Okay, let’s get the mea culpa outta the way first. I fell for the ol’ okey-doke, like so many others. All those battleground state polls couldn’t be wrong, could they? Certainly, we were heading for a blue wave, right? A repudiation of Trump and, most importantly, Trumpism, in the form of a Biden landslide?
That’s what I argued, as recently as Sunday morning on Channel 6’s Inside Story. “Way to go, asshole,” one friend texted me in the wee hours of election night, when Trump seemed to be running the battleground state table. I refrained from taking the bait and responding defensively; to do so would have been a narcissistic act of Trumpian proportions.
I spent Wednesday simultaneously yearning for sleep and dialing up the smartest observers of politics and civics that I know, trying to glean how, yet again, those of us in a certain bubble had so badly missed the mood of the electorate.
But I did feel duped by all those polls, which gets us to the first loser of election night: the pollsters.

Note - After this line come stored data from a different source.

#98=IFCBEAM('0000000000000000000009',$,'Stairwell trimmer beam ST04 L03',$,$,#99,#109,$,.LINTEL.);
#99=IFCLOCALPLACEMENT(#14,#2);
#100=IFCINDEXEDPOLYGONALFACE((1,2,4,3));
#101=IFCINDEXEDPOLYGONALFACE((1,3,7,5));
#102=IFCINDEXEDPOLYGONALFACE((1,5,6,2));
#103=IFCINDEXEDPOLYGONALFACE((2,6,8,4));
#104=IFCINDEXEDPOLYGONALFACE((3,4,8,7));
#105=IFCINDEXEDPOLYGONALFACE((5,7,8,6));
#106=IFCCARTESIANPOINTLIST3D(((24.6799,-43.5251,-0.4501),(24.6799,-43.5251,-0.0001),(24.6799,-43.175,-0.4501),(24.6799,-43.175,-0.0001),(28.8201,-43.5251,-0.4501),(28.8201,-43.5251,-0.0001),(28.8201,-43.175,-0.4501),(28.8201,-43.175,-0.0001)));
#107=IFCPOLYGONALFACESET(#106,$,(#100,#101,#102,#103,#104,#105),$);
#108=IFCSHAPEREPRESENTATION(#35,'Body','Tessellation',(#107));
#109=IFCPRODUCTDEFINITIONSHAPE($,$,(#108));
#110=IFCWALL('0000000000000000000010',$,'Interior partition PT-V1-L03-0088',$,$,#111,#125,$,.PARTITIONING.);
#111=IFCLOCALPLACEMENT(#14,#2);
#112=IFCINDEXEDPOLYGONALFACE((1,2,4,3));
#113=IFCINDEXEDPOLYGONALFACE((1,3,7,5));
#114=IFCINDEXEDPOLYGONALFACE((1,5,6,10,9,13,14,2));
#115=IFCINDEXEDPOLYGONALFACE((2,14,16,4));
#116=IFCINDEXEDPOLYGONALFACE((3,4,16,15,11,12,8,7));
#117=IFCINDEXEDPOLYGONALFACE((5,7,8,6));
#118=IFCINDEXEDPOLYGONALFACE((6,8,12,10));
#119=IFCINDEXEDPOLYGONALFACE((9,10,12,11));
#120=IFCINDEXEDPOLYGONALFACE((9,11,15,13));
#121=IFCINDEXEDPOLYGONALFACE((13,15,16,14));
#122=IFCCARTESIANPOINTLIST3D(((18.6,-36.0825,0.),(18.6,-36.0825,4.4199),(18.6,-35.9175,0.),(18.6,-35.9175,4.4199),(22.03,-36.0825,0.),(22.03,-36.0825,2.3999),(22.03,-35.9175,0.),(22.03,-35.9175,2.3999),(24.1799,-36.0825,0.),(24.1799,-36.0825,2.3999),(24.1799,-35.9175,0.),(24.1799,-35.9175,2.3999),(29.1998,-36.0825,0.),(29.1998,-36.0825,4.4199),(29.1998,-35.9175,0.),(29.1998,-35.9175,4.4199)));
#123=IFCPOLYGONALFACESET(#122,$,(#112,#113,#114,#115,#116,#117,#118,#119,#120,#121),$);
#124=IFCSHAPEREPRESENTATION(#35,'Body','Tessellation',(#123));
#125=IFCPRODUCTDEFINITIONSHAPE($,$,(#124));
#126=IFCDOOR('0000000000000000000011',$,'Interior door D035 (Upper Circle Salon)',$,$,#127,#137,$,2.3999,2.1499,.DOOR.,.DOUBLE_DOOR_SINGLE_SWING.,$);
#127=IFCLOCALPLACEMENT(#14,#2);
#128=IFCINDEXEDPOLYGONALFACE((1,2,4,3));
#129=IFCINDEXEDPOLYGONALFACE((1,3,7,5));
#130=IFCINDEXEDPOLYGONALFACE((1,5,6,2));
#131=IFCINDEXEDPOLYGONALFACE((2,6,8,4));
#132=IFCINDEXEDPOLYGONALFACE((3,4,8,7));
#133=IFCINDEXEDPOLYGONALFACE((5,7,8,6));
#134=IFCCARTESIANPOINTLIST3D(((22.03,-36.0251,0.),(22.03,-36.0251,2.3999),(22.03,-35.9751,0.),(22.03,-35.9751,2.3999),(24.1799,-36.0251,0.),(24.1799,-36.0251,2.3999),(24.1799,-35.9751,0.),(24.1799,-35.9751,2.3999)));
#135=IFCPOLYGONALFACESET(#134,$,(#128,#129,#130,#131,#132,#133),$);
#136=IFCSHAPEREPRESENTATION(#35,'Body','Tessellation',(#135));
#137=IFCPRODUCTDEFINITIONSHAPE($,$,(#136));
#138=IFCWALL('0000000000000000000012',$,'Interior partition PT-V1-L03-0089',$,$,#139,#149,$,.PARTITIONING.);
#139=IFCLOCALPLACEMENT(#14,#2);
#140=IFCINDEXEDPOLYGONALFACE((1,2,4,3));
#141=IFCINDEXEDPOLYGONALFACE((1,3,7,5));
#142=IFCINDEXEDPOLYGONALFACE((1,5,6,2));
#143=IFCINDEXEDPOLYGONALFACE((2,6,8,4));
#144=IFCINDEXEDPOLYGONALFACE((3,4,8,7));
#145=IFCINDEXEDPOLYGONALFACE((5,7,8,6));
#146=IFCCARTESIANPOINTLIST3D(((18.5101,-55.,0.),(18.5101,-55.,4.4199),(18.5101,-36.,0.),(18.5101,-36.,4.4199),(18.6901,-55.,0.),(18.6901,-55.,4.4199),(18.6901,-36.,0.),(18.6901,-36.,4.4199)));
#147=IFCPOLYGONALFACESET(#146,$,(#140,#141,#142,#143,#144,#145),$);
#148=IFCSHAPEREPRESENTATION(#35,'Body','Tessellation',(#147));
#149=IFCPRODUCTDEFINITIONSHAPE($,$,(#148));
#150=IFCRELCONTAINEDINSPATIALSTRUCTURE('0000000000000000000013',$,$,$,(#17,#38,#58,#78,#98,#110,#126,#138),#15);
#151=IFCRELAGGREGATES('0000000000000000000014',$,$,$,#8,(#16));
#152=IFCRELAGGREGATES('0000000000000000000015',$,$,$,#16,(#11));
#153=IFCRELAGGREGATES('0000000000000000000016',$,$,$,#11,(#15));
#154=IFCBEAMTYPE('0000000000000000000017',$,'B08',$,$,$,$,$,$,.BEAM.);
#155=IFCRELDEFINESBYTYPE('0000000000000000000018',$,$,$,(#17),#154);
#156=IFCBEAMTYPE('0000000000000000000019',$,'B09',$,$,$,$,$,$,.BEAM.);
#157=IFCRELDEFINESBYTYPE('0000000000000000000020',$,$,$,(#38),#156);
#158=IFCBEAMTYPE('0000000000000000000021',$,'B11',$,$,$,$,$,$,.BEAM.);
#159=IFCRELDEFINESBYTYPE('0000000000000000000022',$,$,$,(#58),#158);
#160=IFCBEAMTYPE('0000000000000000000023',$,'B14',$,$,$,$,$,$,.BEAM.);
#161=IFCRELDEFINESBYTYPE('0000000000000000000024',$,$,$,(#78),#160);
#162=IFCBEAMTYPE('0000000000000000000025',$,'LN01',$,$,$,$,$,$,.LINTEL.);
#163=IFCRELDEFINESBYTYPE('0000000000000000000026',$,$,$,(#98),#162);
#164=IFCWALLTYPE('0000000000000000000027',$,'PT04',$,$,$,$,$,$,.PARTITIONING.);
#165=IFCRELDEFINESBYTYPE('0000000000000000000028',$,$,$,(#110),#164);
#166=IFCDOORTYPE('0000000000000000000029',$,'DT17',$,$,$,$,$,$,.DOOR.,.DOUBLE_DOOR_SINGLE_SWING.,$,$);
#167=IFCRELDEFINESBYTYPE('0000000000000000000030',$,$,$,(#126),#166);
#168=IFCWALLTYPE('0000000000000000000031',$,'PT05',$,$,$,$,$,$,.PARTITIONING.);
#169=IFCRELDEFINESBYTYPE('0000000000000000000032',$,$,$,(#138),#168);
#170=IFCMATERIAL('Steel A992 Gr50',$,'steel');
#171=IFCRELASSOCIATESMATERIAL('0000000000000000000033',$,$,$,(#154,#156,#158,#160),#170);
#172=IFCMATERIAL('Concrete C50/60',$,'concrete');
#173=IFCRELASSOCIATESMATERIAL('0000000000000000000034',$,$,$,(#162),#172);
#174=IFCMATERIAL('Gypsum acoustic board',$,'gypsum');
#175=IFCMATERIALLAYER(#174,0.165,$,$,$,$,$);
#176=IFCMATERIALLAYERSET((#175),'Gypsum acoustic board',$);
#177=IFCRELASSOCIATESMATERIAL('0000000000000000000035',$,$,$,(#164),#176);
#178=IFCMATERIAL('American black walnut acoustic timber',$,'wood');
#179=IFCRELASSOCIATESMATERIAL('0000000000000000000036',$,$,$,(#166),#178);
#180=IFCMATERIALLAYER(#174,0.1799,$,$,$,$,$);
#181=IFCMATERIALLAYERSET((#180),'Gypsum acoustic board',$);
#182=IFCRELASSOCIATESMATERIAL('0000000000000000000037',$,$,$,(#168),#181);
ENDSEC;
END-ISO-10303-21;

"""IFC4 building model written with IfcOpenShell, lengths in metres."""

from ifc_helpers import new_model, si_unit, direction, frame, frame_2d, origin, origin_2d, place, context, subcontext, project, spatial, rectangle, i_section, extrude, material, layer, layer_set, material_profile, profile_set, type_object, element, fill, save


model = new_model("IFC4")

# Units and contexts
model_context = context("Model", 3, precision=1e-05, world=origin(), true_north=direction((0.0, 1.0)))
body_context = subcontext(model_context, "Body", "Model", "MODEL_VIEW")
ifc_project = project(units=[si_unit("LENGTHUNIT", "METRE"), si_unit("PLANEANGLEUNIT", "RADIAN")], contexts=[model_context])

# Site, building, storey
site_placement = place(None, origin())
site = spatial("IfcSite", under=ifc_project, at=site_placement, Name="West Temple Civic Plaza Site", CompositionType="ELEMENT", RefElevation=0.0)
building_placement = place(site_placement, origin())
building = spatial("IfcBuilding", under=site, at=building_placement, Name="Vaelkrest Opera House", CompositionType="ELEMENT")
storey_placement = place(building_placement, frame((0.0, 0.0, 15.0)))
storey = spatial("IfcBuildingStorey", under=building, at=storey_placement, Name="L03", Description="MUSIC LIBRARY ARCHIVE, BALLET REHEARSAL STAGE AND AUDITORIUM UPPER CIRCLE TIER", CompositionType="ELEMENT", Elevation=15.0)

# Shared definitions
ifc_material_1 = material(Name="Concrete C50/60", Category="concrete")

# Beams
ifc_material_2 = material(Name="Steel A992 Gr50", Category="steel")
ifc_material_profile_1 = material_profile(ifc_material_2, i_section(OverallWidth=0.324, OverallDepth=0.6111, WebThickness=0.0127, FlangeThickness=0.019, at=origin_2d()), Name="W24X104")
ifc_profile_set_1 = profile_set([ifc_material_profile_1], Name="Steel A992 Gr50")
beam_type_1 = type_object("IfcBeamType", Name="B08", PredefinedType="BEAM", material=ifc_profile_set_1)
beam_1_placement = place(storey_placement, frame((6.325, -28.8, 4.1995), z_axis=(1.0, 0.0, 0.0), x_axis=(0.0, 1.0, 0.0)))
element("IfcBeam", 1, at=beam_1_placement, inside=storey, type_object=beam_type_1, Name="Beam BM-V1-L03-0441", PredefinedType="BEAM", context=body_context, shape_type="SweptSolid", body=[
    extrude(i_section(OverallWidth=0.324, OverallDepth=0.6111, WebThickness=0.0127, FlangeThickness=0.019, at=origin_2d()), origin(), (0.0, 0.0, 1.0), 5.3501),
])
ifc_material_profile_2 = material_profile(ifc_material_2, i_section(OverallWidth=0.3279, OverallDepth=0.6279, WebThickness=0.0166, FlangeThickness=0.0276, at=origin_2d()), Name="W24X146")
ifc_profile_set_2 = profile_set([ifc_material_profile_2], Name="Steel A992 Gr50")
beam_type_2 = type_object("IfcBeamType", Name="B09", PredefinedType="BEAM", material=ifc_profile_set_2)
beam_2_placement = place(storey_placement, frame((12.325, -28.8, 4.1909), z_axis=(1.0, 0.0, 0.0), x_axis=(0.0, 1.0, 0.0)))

How was it that the smart set had yet again gotten its forecasting so wrong? I spent Wednesday simultaneously yearning for sleep and dialing up the smartest observers of politics and civics that I know, trying to glean how, yet again, those of us in a certain bubble had so badly missed the mood of the electorate. Ajay Raju, the law firm honcho, philanthropist and Citizen chairman, had one of the smartest takes, arguing that many of us exist in a confirmation bias feedback loop.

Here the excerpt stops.